The secondary outcomes support the conclusion of the primary outcome. In line with prior findings [20, 21], the superiority of DG in four of five scales at t3 is very short. It is clinically relevant for therapeutic side effects (six points, p < 0.001) and perhaps relevant for pain (four points, p = 0.001) and physical functioning (three points, p < 0.001). A pain increase needs three points for clinical relevance, but a decrease needs five. The circumstances are similar for physical functioning [27].

A strength of this study is that four independent institutions collected and analysed representative nationwide data with regular quality checks during the study and a thorough final validation after a long-term follow-up was carried out. The separate responsibilities for randomisation, allocation concealment, data management, data collection, and blinded analysis minimised influences of potential conflicts of interest. Each institution counter-checked the information transmitted by the others.

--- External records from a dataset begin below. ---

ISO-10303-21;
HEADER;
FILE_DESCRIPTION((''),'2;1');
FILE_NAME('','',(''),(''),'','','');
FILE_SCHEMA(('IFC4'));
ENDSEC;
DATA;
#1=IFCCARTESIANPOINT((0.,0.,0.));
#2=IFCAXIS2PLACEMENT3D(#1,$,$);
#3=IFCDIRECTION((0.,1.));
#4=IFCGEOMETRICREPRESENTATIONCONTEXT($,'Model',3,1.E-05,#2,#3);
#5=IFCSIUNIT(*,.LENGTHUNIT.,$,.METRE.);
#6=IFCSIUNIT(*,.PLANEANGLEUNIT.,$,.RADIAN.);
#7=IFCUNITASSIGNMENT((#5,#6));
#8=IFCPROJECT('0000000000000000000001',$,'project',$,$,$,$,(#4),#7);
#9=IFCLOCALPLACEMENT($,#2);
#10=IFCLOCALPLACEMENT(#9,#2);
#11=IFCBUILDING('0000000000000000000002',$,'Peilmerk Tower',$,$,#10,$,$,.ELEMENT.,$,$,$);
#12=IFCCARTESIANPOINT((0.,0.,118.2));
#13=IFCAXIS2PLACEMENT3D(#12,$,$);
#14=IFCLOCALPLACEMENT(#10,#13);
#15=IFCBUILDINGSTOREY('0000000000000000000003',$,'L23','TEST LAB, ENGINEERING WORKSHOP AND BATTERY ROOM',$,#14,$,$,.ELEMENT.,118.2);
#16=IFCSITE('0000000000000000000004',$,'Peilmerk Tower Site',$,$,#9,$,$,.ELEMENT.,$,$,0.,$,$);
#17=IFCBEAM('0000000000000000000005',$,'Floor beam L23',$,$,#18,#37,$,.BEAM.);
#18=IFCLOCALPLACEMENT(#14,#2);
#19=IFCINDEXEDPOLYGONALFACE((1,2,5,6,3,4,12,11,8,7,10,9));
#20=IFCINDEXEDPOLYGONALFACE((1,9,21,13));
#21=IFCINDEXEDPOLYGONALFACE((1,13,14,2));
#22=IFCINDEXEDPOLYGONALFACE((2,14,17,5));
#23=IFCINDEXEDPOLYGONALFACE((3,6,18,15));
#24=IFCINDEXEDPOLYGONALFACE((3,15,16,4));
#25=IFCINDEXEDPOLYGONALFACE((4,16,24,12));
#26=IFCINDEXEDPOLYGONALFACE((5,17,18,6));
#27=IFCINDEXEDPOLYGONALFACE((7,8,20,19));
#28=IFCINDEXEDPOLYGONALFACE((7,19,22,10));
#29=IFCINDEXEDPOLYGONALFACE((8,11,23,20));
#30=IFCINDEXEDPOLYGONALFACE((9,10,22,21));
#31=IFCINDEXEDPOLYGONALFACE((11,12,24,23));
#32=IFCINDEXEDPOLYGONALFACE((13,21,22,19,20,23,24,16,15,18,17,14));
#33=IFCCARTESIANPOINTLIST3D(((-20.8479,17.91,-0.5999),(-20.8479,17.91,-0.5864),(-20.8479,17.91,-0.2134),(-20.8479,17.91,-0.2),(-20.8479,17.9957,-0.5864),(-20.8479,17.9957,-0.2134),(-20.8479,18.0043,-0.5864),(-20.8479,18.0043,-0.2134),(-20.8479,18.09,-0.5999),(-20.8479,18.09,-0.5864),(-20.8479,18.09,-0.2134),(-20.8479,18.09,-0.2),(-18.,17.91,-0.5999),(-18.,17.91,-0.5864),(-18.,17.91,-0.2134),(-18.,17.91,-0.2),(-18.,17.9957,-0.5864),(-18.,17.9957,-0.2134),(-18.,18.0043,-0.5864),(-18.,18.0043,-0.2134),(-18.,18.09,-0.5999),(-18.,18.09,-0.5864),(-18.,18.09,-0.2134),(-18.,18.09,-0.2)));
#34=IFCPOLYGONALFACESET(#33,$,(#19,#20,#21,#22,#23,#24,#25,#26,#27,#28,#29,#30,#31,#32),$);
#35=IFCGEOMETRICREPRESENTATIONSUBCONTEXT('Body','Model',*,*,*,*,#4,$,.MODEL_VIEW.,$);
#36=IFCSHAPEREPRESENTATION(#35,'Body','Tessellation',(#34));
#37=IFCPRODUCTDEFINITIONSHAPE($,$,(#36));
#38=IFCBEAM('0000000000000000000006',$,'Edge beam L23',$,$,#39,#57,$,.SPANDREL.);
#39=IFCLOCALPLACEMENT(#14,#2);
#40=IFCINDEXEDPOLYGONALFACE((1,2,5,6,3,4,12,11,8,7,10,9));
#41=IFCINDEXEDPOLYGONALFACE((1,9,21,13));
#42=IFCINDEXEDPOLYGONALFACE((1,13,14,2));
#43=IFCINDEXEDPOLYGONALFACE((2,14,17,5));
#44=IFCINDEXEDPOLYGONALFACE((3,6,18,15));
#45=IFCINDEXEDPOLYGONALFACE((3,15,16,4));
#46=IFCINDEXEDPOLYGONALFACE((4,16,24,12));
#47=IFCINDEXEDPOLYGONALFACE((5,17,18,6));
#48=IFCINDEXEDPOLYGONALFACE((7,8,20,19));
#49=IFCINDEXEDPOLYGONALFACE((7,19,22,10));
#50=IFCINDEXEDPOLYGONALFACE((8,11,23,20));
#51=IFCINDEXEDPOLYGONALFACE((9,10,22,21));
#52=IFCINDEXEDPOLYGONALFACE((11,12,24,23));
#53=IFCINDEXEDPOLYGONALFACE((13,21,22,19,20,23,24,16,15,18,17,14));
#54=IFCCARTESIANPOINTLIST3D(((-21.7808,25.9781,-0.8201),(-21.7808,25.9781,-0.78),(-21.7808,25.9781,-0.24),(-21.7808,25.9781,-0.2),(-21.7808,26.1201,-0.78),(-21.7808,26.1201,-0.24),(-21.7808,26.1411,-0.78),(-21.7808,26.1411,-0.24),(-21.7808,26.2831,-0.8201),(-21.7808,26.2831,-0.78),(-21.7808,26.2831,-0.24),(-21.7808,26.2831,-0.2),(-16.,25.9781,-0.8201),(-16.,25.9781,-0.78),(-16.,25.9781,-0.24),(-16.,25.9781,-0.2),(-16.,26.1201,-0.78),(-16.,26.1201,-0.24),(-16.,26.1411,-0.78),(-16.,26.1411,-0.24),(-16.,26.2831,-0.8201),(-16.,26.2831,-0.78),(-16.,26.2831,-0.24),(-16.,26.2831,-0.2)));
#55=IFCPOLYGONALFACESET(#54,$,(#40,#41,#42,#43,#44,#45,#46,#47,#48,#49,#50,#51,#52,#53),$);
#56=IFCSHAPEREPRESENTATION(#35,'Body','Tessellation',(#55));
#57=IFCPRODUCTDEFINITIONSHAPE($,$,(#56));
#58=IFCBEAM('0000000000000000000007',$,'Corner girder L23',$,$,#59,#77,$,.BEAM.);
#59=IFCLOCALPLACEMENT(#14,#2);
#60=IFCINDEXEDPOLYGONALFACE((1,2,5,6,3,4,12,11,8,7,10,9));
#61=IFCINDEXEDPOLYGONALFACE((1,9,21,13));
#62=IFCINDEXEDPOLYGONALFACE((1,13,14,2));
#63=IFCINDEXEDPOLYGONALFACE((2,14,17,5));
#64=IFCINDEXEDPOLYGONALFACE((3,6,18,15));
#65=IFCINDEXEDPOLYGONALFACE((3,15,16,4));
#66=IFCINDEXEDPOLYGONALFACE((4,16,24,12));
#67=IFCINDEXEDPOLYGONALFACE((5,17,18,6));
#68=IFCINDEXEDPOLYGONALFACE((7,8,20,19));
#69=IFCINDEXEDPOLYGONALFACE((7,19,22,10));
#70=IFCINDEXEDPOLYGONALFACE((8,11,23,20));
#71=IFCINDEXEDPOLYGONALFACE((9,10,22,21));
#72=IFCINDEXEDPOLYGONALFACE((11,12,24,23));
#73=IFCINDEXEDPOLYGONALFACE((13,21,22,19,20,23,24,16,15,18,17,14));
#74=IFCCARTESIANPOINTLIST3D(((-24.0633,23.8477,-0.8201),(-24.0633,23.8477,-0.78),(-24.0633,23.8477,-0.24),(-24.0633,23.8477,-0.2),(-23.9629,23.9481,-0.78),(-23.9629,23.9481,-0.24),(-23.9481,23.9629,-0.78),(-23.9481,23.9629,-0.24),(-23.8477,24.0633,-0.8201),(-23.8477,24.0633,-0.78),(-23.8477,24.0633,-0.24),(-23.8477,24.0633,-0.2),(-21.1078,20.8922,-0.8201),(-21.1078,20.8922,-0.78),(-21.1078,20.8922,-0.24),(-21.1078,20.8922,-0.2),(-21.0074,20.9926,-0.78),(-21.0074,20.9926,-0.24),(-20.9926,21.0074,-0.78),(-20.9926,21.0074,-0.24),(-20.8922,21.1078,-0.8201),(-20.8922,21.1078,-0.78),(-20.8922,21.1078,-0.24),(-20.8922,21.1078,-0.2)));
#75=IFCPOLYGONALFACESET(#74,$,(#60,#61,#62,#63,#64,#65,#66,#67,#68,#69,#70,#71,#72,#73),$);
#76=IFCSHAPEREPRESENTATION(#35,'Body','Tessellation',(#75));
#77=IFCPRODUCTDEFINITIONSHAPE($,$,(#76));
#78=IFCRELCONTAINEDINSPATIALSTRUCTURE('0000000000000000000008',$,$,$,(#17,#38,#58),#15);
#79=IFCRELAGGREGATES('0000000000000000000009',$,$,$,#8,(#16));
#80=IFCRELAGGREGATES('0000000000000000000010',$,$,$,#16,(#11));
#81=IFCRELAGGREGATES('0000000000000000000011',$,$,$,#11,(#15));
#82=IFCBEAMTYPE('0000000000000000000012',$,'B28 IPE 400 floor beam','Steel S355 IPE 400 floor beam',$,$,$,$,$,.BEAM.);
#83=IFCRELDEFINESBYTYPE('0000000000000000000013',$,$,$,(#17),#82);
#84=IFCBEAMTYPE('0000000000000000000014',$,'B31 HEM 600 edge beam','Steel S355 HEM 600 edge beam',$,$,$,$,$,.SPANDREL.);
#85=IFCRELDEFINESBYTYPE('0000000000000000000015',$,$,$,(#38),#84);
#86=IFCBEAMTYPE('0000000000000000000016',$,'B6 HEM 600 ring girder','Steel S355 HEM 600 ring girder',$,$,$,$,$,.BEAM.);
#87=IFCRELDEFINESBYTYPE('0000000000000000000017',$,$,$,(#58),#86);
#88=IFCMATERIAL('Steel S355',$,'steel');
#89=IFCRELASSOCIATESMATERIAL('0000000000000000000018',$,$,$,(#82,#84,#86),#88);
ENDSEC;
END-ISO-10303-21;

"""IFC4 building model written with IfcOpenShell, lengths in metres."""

from ifc_helpers import new_model, si_unit, direction, frame, origin, origin_2d, place, context, subcontext, project, spatial, i_section, extrude, material, material_profile, profile_set, type_object, element, save


model = new_model("IFC4")

# Units and contexts
model_context = context("Model", 3, precision=1e-05, world=origin(), true_north=direction((0.0, 1.0)))
body_context = subcontext(model_context, "Body", "Model", "MODEL_VIEW")
ifc_project = project(units=[si_unit("LENGTHUNIT", "METRE"), si_unit("PLANEANGLEUNIT", "RADIAN")], contexts=[model_context])

# Site, building, storey
site_placement = place(None, origin())
site = spatial("IfcSite", under=ifc_project, at=site_placement, Name="Peilmerk Tower Site", CompositionType="ELEMENT", RefElevation=0.0)
building_placement = place(site_placement, origin())
building = spatial("IfcBuilding", under=site, at=building_placement, Name="Peilmerk Tower", CompositionType="ELEMENT")
storey_placement = place(building_placement, frame((0.0, 0.0, 118.2)))
storey = spatial("IfcBuildingStorey", under=building, at=storey_placement, Name="L23", Description="TEST LAB, ENGINEERING WORKSHOP AND BATTERY ROOM", CompositionType="ELEMENT", Elevation=118.2)

# Beams
ifc_material_1 = material(Name="Steel S355", Category="steel")
ifc_material_profile_1 = material_profile(ifc_material_1, i_section(OverallWidth=0.1799, OverallDepth=0.3999, WebThickness=0.0085, FlangeThickness=0.0134, at=origin_2d()), Name="IPE 400")
ifc_profile_set_1 = profile_set([ifc_material_profile_1], Name="Steel S355")
beam_type_1 = type_object("IfcBeamType", Name="B28 IPE 400 floor beam", Description="Steel S355 IPE 400 floor beam", PredefinedType="BEAM", material=ifc_profile_set_1)
for number, where, z_axis, x_axis, name in (
    (1, (-18.0, 18.0, -0.3999), (-1.0, 0.0, 0.0), (0.0, -1.0, 0.0), "Floor beam L23"),
):
    element("IfcBeam", number, at=place(storey_placement, frame(where, z_axis=z_axis, x_axis=x_axis)), inside=storey, type_object=beam_type_1, Name=name, PredefinedType="BEAM", context=body_context, shape_type="SweptSolid", body=[
        extrude(i_section(OverallWidth=0.1799, OverallDepth=0.3999, WebThickness=0.0085, FlangeThickness=0.0134, at=origin_2d()), origin(), (0.0, 0.0, 1.0), 2.8479),
    ])
ifc_material_profile_2 = material_profile(ifc_material_1, i_section(OverallWidth=0.3049, OverallDepth=0.6201, WebThickness=0.021, FlangeThickness=0.04, at=origin_2d()), Name="HEM 600")
ifc_profile_set_2 = profile_set([ifc_material_profile_2], Name="Steel S355")
beam_type_2 = type_object("IfcBeamType", Name="B31 HEM 600 edge beam", Description="Steel S355 HEM 600 edge beam", PredefinedType="SPANDREL", material=ifc_profile_set_2)
beam_1_placement = place(storey_placement, frame((-16.0, 26.1306, -0.51), z_axis=(-1.0, 0.0, 0.0), x_axis=(0.0, -1.0, 0.0)))
element("IfcBeam", 2, at=beam_1_placement, inside=storey, type_object=beam_type_2, Name="Edge beam L23", PredefinedType="SPANDREL", context=body_context, shape_type="SweptSolid", body=[
    extrude(i_section(OverallWidth=0.3049, OverallDepth=0.6201, WebThickness=0.021, FlangeThickness=0.04, at=origin_2d()), origin(), (0.0, 0.0, 1.0), 5.7808),
])
ifc_material_profile_3 = material_profile(ifc_material_1, i_section(OverallWidth=0.3049, OverallDepth=0.6201, WebThickness=0.021, FlangeThickness=0.04, at=origin_2d()), Name="HEM 600")
ifc_profile_set_3 = profile_set([ifc_material_profile_3], Name="Steel S355")
beam_type_3 = type_object("IfcBeamType", Name="B6 HEM 600 ring girder", Description="Steel S355 HEM 600 ring girder", PredefinedType="BEAM", material=ifc_profile_set_3)
beam_2_placement = place(storey_placement, frame((-21.0, 21.0, -0.51), z_axis=(-0.707107, 0.707107, 0.0), x_axis=(-0.707107, -0.707107, 0.0)))
element("IfcBeam", 3, at=beam_2_placement, inside=storey, type_object=beam_type_3, Name="Corner girder L23", PredefinedType="BEAM", context=body_context, shape_type="SweptSolid", body=[
    extrude(i_section(OverallWidth=0.3049, OverallDepth=0.6201, WebThickness=0.021, FlangeThickness=0.04, at=origin_2d()), origin(), (0.0, 0.0, 1.0), 4.1797),
])

save(model, "model.ifc")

We were the first to compare the one-year evolution of QoL between a taxane-Gemcitabine combination and a single-agent taxane after prior anthracycline treatment [10,11,12, 15]. The improvement that we found with both regiments was stronger and more persistent than in studies comparing other treatments [20,21,22]. This could be due to the superiority of anthracycline combinations followed by taxanes or to our non-chemotherapeutic modalities, such as bisphosphonates. Future clinical trials may address these important hypotheses.

Adding to the disagreement of prior studies regarding recurrence-free survival [10,11,12, 15], in the SUCCESS‑A trial we found that it was equal in the FEC-D and FEC-DG arms [13]. We also found that more haematologic toxicities, a need for granulocyte colony-stimulating factor, and dose reductions with FEC-DG [9] disagree with the better QoL related to side effects of therapy at t3 with this treatment. Perhaps neuropathy, arthralgia, and bone pain, which are more frequent with FEC-D [9], influence QoL more strongly than the former.

Taken together, we favour taxane therapies without Gemcitabine after prior anthracycline treatment because of equal survival [10,11,12,13, 15], fewer hematologic toxicities and need for adaptations, [9] and equal QoL. Thereby, we challenge prior recommendations favouring combination therapies [14, 15].